Only use irrelevant information if it is useful, like the C# exam question above. The GEM library was not relevant to the question other than it made the question more concrete and therefore easier to understand. Consider this to be exam writing’s Chekov’s gun.

Some exam questions have multiple distracting pieces of information. There could be a valid reason for this, such as it really being a question about determining what is relevant. But, aside from a case like that, an attempt to bamboozle leads to a less reliable exam question.

FFP10: All of the Above, None of the Above, Neither of Those

Don’t bother with ‘all of the above’ and ’none of the above’ options. Consider the exam question below:

In C++, which of the following things can be const?
1. member functions
2. member variables
3. function parameters
4. all of A, B, C
5. none of A, B, C

wrong

Let’s say that a taker is pretty sure that A and B are true but is uncertain about C. The taker cannot select both A and B - only one option may be selected. Therefore, the answer must be D. They came to the correct solution by good exam technique, which is, admittedly, satisfying on the part of the taker.

The corrected question is presented below:

Select which of the following things in C++ can be const:
1. member functions
2. member variables
3. function parameters

correct

The taker has three binary choices and no logic or correlations to ponder. The earlier version had five possibilities with a bias towards ‘all of the above’, and the improved version has eight possibilities with no bias. The rewritten question is more reliable.

FFP11: Use Current Code

Only use code that would be considered reasonable code. For example, do not test on pre generic collection types in C#. They haven’t been necessary since 2005 and can be learned readily through the APIs if the test taker understands the concepts.

FFP12: Use a Die if Writing Multiple Choice Questions

Use a genuine random device to decide which option, or options, is correct in multiple-choice questions. People are bad at being random number generators. You can splash out and buy yourself a fancy set of gaming dice.

FFP13: No Hint-Laden Review Sessions

Review sessions must not be used to provide hints about what is on the imminent exam. It makes the exam less reliable by unfairly rewarding those that turn up for the review session but have not studied all topics.

While hints cannot be given about what is on the actual exam, stressing the most important concepts, and hence what is most likely to be on any exam, is okay. This should not be new information because time spent on a concept should be proportional to its importance and exam appearance likelihood.

The easiest way of not being able to provide hints is not to know the exam questions when doing the review!

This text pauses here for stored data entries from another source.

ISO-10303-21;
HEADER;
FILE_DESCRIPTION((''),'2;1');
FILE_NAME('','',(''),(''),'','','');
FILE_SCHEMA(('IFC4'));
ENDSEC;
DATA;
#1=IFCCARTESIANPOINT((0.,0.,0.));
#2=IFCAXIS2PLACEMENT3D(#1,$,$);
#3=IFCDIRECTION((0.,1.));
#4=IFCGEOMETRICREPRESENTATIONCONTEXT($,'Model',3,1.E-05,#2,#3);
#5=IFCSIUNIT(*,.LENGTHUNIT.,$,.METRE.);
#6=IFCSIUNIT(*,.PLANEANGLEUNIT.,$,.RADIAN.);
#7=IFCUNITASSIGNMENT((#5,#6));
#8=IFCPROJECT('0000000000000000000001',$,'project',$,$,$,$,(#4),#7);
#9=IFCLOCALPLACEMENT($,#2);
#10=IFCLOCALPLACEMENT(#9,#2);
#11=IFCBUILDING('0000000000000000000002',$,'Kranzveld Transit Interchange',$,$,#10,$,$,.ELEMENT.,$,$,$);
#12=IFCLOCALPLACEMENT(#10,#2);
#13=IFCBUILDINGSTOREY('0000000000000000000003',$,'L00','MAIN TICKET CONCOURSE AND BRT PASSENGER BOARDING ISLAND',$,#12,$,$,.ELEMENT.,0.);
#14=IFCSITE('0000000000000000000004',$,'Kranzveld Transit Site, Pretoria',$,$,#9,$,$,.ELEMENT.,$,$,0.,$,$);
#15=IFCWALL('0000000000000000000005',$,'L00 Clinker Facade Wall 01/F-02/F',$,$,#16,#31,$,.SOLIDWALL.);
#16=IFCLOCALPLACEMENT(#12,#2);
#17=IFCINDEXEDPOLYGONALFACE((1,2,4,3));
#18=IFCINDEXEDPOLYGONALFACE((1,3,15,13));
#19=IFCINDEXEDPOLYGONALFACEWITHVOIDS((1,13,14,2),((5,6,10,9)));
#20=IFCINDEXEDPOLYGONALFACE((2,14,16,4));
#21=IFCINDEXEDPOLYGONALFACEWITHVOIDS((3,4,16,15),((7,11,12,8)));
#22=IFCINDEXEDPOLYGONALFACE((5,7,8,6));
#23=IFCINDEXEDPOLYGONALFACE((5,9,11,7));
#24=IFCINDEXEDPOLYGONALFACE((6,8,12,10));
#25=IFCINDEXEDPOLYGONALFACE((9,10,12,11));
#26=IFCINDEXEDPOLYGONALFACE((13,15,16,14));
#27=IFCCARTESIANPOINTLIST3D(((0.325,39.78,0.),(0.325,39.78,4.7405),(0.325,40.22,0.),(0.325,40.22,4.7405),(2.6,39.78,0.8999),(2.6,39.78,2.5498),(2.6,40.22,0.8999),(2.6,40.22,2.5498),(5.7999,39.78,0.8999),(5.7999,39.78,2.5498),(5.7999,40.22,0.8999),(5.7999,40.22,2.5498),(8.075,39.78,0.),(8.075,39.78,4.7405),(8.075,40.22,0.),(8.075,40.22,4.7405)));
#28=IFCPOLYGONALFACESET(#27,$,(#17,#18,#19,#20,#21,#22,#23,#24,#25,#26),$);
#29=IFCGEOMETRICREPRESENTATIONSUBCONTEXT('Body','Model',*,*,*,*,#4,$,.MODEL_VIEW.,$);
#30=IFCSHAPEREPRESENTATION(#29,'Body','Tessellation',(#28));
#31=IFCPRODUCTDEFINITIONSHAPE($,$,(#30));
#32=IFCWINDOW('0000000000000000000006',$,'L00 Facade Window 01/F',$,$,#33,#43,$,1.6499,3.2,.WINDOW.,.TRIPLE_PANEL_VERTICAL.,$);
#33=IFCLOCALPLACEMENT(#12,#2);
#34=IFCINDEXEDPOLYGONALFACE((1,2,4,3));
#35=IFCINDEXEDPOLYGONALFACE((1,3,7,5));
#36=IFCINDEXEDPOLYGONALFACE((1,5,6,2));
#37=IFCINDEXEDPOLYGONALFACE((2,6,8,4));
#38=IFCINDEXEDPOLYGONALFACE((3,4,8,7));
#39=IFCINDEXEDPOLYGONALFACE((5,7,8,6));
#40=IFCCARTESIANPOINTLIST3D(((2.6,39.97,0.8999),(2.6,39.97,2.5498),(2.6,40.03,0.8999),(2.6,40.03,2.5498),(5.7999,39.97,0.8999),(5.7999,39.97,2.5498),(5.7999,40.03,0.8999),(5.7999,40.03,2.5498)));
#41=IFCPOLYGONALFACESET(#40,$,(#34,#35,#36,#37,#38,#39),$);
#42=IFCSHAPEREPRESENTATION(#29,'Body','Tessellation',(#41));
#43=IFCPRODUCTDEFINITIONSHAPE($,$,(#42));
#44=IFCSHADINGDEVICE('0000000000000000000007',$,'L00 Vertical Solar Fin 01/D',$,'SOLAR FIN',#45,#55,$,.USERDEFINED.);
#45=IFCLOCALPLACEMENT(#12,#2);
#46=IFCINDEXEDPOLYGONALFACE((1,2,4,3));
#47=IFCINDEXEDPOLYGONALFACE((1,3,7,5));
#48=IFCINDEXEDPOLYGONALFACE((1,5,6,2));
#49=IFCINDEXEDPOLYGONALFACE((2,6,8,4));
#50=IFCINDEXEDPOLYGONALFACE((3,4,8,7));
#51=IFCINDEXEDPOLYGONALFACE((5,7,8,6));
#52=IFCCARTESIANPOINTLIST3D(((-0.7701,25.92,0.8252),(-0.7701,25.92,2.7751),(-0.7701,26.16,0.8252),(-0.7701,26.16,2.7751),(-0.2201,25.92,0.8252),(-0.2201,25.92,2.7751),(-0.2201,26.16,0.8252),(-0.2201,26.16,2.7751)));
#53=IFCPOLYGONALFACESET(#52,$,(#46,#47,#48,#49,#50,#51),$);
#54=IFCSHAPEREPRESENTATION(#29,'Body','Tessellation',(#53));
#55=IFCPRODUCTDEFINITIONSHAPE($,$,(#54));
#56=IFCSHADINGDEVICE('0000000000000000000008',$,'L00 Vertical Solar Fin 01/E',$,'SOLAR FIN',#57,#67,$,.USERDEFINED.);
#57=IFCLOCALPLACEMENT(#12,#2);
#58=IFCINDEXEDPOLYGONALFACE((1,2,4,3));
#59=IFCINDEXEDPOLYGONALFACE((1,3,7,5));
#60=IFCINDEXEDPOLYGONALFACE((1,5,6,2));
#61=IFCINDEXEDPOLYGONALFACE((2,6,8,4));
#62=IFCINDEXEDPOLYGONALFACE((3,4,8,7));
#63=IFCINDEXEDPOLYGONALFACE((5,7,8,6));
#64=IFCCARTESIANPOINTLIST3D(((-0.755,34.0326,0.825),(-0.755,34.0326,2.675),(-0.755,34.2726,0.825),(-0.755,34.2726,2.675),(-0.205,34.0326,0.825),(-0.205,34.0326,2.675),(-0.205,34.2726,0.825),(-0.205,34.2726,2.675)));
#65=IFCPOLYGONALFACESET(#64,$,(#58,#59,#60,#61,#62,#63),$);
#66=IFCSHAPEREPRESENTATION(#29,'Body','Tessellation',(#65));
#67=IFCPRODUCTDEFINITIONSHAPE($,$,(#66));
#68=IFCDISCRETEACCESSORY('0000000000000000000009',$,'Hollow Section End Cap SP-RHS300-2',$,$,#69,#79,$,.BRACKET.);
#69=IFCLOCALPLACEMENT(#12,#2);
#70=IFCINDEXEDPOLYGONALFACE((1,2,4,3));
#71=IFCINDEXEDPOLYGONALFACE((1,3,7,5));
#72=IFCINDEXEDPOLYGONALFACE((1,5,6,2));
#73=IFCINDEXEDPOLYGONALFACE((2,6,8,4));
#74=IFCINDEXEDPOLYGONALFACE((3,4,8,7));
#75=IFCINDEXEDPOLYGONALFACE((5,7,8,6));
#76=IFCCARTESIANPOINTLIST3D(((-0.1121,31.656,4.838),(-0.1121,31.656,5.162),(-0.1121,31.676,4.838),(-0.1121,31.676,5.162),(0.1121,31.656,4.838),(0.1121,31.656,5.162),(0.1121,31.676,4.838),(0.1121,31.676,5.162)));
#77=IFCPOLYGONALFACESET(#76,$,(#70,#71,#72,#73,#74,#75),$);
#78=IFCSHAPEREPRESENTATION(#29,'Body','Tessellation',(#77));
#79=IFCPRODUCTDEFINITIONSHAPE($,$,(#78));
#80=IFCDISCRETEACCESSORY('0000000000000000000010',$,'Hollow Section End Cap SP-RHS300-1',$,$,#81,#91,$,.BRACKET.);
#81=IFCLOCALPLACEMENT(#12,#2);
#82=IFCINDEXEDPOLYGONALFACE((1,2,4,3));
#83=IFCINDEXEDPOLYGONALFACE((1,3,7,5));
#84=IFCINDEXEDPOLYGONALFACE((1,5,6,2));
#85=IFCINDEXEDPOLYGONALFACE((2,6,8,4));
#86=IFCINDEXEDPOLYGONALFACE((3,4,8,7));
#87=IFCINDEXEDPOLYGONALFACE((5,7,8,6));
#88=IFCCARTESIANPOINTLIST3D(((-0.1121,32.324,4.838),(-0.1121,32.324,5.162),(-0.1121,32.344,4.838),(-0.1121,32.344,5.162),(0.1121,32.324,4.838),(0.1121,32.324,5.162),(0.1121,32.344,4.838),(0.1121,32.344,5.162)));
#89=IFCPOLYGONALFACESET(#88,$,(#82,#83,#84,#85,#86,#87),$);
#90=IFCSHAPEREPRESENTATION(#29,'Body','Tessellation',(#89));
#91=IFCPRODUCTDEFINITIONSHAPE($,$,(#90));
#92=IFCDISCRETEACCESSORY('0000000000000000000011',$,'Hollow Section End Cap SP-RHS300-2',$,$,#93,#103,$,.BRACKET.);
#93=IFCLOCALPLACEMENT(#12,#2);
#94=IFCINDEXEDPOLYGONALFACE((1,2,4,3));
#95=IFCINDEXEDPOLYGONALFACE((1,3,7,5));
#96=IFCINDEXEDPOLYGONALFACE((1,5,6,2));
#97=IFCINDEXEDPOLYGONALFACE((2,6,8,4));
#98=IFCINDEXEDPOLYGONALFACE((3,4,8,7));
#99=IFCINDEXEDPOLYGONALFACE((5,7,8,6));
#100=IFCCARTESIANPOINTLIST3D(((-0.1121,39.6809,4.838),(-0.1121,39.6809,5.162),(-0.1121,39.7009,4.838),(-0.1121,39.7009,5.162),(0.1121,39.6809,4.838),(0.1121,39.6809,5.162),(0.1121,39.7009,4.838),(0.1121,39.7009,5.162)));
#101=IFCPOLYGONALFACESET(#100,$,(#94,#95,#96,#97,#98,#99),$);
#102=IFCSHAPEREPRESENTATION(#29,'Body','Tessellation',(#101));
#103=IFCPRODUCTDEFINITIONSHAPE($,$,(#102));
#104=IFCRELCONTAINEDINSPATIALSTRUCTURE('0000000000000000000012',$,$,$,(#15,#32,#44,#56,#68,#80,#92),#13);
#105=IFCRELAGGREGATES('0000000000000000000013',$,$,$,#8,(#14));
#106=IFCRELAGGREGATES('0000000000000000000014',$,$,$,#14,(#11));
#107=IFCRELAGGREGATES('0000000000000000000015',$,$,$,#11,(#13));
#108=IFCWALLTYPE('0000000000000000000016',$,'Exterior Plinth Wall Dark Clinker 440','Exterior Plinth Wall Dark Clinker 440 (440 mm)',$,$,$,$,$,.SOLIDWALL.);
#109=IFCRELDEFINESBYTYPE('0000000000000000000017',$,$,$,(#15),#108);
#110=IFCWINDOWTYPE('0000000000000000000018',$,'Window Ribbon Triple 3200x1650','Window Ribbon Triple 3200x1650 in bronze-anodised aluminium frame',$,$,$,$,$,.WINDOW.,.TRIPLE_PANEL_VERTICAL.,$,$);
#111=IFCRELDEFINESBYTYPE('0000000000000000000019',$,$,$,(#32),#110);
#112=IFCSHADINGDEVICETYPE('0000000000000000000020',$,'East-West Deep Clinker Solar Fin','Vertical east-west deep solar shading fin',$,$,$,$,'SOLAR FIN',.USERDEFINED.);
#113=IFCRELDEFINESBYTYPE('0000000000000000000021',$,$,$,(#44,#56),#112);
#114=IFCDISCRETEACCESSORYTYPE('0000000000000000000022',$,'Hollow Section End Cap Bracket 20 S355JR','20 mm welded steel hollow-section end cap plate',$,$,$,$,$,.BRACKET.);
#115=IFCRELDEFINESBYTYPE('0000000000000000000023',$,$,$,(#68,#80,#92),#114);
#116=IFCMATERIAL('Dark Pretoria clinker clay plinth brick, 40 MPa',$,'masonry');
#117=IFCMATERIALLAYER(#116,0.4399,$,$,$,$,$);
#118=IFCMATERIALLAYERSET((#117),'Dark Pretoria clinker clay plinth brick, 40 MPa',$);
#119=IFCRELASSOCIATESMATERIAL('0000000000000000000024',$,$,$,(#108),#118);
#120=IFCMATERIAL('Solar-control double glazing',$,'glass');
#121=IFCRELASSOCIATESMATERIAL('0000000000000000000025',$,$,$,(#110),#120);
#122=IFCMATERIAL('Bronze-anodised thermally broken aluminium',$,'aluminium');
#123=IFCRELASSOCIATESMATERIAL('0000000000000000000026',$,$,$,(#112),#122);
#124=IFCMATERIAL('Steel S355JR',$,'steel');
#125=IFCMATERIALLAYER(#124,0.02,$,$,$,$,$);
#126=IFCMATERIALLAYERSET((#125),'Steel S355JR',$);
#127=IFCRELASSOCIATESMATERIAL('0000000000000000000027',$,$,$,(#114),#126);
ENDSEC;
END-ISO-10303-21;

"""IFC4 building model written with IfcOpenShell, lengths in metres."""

from ifc_helpers import new_model, si_unit, direction, frame, frame_2d, origin, origin_2d, place, context, subcontext, project, spatial, rectangle, extrude, material, layer, layer_set, type_object, element, fill, save


model = new_model("IFC4")

# Units and contexts
model_context = context("Model", 3, precision=1e-05, world=origin(), true_north=direction((0.0, 1.0)))
body_context = subcontext(model_context, "Body", "Model", "MODEL_VIEW")
ifc_project = project(units=[si_unit("LENGTHUNIT", "METRE"), si_unit("PLANEANGLEUNIT", "RADIAN")], contexts=[model_context])

# Site, building, storey
site_placement = place(None, origin())
site = spatial("IfcSite", under=ifc_project, at=site_placement, Name="Kranzveld Transit Site, Pretoria", CompositionType="ELEMENT", RefElevation=0.0)
building_placement = place(site_placement, origin())
building = spatial("IfcBuilding", under=site, at=building_placement, Name="Kranzveld Transit Interchange", CompositionType="ELEMENT")
storey_placement = place(building_placement, origin())
storey = spatial("IfcBuildingStorey", under=building, at=storey_placement, Name="L00", Description="MAIN TICKET CONCOURSE AND BRT PASSENGER BOARDING ISLAND", CompositionType="ELEMENT", Elevation=0.0)

# Wall, opening, window
ifc_material_1 = material(Name="Dark Pretoria clinker clay plinth brick, 40 MPa", Category="masonry")
ifc_layer_1 = layer(ifc_material_1, 0.4399)
ifc_layer_set_1 = layer_set([ifc_layer_1], Name="Dark Pretoria clinker clay plinth brick, 40 MPa")
wall_type_1 = type_object("IfcWallType", Name="Exterior Plinth Wall Dark Clinker 440", Description="Exterior Plinth Wall Dark Clinker 440 (440 mm)", PredefinedType="SOLIDWALL", material=ifc_layer_set_1)
wall_1_placement = place(storey_placement, frame((0.325, 40.0, 0.0), z_axis=(0.0, 0.0, 1.0), x_axis=(1.0, 0.0, 0.0)))
wall_1 = element("IfcWall", 1, at=wall_1_placement, inside=storey, type_object=wall_type_1, Name="L00 Clinker Facade Wall 01/F-02/F", PredefinedType="SOLIDWALL", context=body_context, shape_type="SweptSolid", body=[
    extrude(rectangle(XDim=7.75, YDim=0.4399, at=frame_2d((3.875, 0.0))), origin(), (0.0, 0.0, 1.0), 4.7405),
])
opening_1_placement = place(wall_1_placement, frame((2.2749, 0.0, 0.8999), z_axis=(0.0, 0.0, 1.0), x_axis=(1.0, 0.0, 0.0)))
opening_1 = element("IfcOpeningElement", 2, at=opening_1_placement, cuts=wall_1, PredefinedType="OPENING", context=body_context, shape_type="SweptSolid", body=[
    extrude(rectangle(XDim=3.2, YDim=1.6499, at=frame_2d((1.6001, 0.825))), frame((0.0, 0.23, 0.0), z_axis=(0.0, -1.0, 0.0), x_axis=(1.0, 0.0, 0.0)), (0.0, 0.0, 1.0), 0.46),
])
ifc_material_2 = material(Name="Solar-control double glazing", Category="glass")
window_type_1 = type_object("IfcWindowType", Name="Window Ribbon Triple 3200x1650", Description="Window Ribbon Triple 3200x1650 in bronze-anodised aluminium frame", PartitioningType="TRIPLE_PANEL_VERTICAL", PredefinedType="WINDOW", material=ifc_material_2)
window_1_placement = place(opening_1_placement, origin())
window_1 = element("IfcWindow", 3, at=window_1_placement, inside=storey, type_object=window_type_1, Name="L00 Facade Window 01/F", OverallHeight=1.6499, OverallWidth=3.2, PartitioningType="TRIPLE_PANEL_VERTICAL", PredefinedType="WINDOW", context=body_context, shape_type="SweptSolid", body=[
    extrude(rectangle(XDim=3.2, YDim=1.6499, at=frame_2d((1.6001, 0.825))), frame((0.0, 0.03, 0.0), z_axis=(0.0, -1.0, 0.0), x_axis=(1.0, 0.0, 0.0)), (0.0, 0.0, 1.0), 0.0601),
])
fill(opening_1, window_1)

There may be situations where this suggestion has to be relaxed a little. Consider multiple instructors teaching separate groups of people taking the same exam. If you realize that you devoted far less time to a topic that will be on the exam than the other instructors, then you may wish to redress the imbalance. There are at least two ways of doing this. Firstly, you can simply say that other instructors devoted more time to an important topic, and in the review you want to make it clear that it is important. The other way is to let a Q&A session ’naturally’ end up at a question which will allow you to spend some time on the topic. The second way is more useful if the topic is not as important. My quotes around ’naturally’ are there to imply that you, as the instructor, will have nudged the questions in that direction by steering or seeding. Good luck seeding in a remote environment though!

FFP14: Provide Past Papers

Providing past papers makes the exam more reliable because takers know the mechanics of the questions and can focus on exam topic competence.

What if you don’t have past papers? Write them! I have had to do this, and, yes, it was more than double the work. Good exam questions are elusive - you have to hunt for them. If you need twice as many, then it will take a lot longer.

I also recommend releasing the marking scheme, if you’re willing. That requires a good quality marking scheme, which I discuss in the third post on exams. In my experience, marking schemes are rarely of a high enough quality and remain hidden to avoid causing a riot. If you know that the marking scheme will be seen, then that can help encourage quality.